A study conducted from 2005 to 2007 by UA researchers showed that permanent residents of the U.S. sometimes faced discrimination by local authorities in communities near the U.S.-Mexico border. Nearly 10 years later, the situation in these border communities may not be changing for these residents.
Dr. Samantha Sabo, an assistant professor in the department of health promotion sciences in the College of Public Health and the lead author of the study’s manuscript, said that “things haven’t improved” because there have been more anti-immigration laws passed since the conclusion of the study.
“I can’t say for sure, but I can only say that there’s been more severe laws that have been put into place and there’s been more money allocated to the Department of Homeland Security in terms of border immigration control,” Sabo said. “I would only assume that these things exist today.”
Sabo conducted the study, titled “Everyday Violence, Structural Racism and Mistreatment at the U.S.–Mexico Border,” with other UA faculty. The study focused on the health of migrant farmworkers in the border regions, which also included a look at the militarization of the border with things like racial profiling and immigration-related violence. During the time the study was conducted, several policies concerning immigration were passed. These policies allowed local police forces to ask community members questions regarding their immigration status, Sabo said.
Sabo said that through the study they found that these policies, which are directed at undocumented people, “spillover” into the citizens and permanent residents of these border communities — many of which are of Mexican descent. The study, she said, focuses on the concept of “everyday violence” happening to these people “just because of what they look like.”
“That’s a really big issue because in that paper, you might have seen that there were several instances of verbal abuse, emotional abuse and even physical abuse that were occurring to people that were not at all in violation of a law,” Sabo said. “They were living their daily lives. They were working, they were going to school, they were going to the grocery store.”
No less than 30 percent of the participants in the study experienced “immigration-related mistreatment,” according to Sabo. The participants in the study were predominantly U.S. citizens and permanent residents of the country, and Sabo said that they had lived an average of 15 to 20 years in the U.S. prior to the study. This mistreatment included racial profiling, being pulled over or stopped at the border, being detained for hours and, in some cases, verbal or physical abuse, according to Sabo.
However, this ability to “stop and ask people questions based on the fact that they look like they might be immigrants” is actually written in the constitution in one of the amendments under the Fourth Amendment called border exceptions, according to Anna O’Leary, the department head of Mexican-American studies and an associate professor in the department.

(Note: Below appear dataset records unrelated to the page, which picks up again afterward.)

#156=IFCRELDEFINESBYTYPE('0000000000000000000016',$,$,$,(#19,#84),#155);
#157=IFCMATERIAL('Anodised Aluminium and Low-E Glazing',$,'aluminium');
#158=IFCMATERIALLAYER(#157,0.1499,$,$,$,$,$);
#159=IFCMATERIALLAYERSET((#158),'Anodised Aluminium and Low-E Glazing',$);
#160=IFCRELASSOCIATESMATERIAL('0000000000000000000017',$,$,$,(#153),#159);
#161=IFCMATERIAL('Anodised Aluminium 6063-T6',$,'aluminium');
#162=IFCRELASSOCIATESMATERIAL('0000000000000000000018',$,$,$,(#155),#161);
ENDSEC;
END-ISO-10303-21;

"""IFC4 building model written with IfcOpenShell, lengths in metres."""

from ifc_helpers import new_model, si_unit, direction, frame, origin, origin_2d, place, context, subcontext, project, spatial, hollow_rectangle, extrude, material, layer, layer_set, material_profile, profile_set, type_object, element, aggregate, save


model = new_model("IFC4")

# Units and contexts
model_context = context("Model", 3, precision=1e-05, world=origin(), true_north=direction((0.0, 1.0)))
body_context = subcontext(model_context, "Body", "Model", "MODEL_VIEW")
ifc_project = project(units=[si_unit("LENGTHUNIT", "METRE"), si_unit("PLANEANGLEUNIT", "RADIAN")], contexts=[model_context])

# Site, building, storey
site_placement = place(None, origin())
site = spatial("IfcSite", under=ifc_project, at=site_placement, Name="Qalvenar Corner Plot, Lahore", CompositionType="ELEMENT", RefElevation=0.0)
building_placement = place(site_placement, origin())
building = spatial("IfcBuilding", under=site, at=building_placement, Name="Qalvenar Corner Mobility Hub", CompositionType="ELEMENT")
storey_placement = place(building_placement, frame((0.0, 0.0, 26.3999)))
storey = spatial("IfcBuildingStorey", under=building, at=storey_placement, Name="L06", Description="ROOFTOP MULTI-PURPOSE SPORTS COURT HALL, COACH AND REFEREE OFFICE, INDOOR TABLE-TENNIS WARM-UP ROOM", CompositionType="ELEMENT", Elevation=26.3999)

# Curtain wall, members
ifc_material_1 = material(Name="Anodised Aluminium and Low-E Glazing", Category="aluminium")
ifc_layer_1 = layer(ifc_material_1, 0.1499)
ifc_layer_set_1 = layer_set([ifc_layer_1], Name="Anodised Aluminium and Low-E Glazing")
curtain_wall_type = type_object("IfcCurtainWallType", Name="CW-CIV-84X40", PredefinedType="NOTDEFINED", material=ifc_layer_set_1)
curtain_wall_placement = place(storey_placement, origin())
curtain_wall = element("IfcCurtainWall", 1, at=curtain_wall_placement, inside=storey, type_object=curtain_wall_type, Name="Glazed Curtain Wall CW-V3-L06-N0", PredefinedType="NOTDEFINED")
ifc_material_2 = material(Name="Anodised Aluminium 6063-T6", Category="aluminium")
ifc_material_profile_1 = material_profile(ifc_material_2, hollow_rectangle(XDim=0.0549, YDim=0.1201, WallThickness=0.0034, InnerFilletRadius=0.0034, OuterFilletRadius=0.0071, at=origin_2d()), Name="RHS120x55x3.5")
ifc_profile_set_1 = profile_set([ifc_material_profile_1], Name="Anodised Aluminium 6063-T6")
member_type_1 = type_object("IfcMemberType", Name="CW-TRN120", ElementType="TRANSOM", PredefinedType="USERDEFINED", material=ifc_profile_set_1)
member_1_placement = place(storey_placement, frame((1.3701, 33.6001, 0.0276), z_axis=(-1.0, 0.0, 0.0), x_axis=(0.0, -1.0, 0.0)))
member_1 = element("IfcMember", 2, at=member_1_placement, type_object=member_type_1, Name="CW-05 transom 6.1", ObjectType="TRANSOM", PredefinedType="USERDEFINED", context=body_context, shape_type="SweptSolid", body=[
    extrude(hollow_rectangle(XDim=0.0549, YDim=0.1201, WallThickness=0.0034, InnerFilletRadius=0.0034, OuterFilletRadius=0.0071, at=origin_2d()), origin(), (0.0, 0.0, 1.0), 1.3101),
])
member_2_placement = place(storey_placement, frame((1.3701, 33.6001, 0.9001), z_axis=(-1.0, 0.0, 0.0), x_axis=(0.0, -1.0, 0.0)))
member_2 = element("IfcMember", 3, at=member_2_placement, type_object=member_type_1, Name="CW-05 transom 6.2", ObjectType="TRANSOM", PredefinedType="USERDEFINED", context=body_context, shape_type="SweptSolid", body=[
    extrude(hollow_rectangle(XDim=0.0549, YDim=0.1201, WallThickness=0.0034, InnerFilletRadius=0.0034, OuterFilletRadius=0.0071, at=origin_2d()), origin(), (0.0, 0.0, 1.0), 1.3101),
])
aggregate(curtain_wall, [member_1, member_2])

These exceptions come into play a certain distance from the border, where for roving stops “officers may inquire into [people’s] residence status, either by asking a few questions or by checking papers … so long as the stops are not truly random” and officers have reasonable suspicion that “an automobile contains illegal aliens,” according to an online document about the Fourth Amendment by the United States Government Publishing Office.
“It’s an interesting point of fact that is quite disturbing, which is why when there’s lawsuits against Arizona or anybody for racial profiling;there’s little that anybody can do about it,” O’Leary said. “A high percentage [of those in border communities] are U.S. citizens with every right to conduct business and to live here and to work here, yet they are always subjected to detention because they look like they’re Mexican.”
When discrimination-related issues occur within this region — which O’Leary said is often called the deconstitutionalized region by immigrant rights groups — those who are discriminated against are often afraid to file a complaint about their treatment, according to Sabo.
“Most people said that they would not make a complaint out of fear that they would be deported, even though they’re citizens or permanent residents, or that somebody would come after their family or that they would lose property,” Sabo said. “So even though people have all of these rights, they’re still very, very fearful to push against the system that exists.”
In order to solve this problem, Sabo recommended increased transparency within the Border Patrol. She said that she listed several policy recommendations in a different study that she worked on with Alison Elizabeth Lee, titled “The Spillover of U.S. Immigration Policy on Citizens and Permanent Residents of Mexican Descent: How Internalizing ‘Illegality’ Impacts Public Health in the Borderlands” and published online in June 2015 on the PubMed Central website.
These policy suggestions include a “transparent, community-centered oversight system to document and monitor immigration-related victimization” and creating a plan for accountability for law enforcement “to systematically report and respond to community concerns of corruption and excessive use of force,” according to the study.
O’Leary, who has been a coordinator for community organizations involved in research concerning farm worker populations in Yuma, said that civic engagement could create changes in these border communities.
“Those who can mobilize politically should do so in defense of those who can’t defend themselves because they’re constantly being targeted or discriminated,” O’Leary said. “Elections have consequences, and those of us who care what our country looks like have to take steps to be civically engaged to improve the world so that it reflects our values.”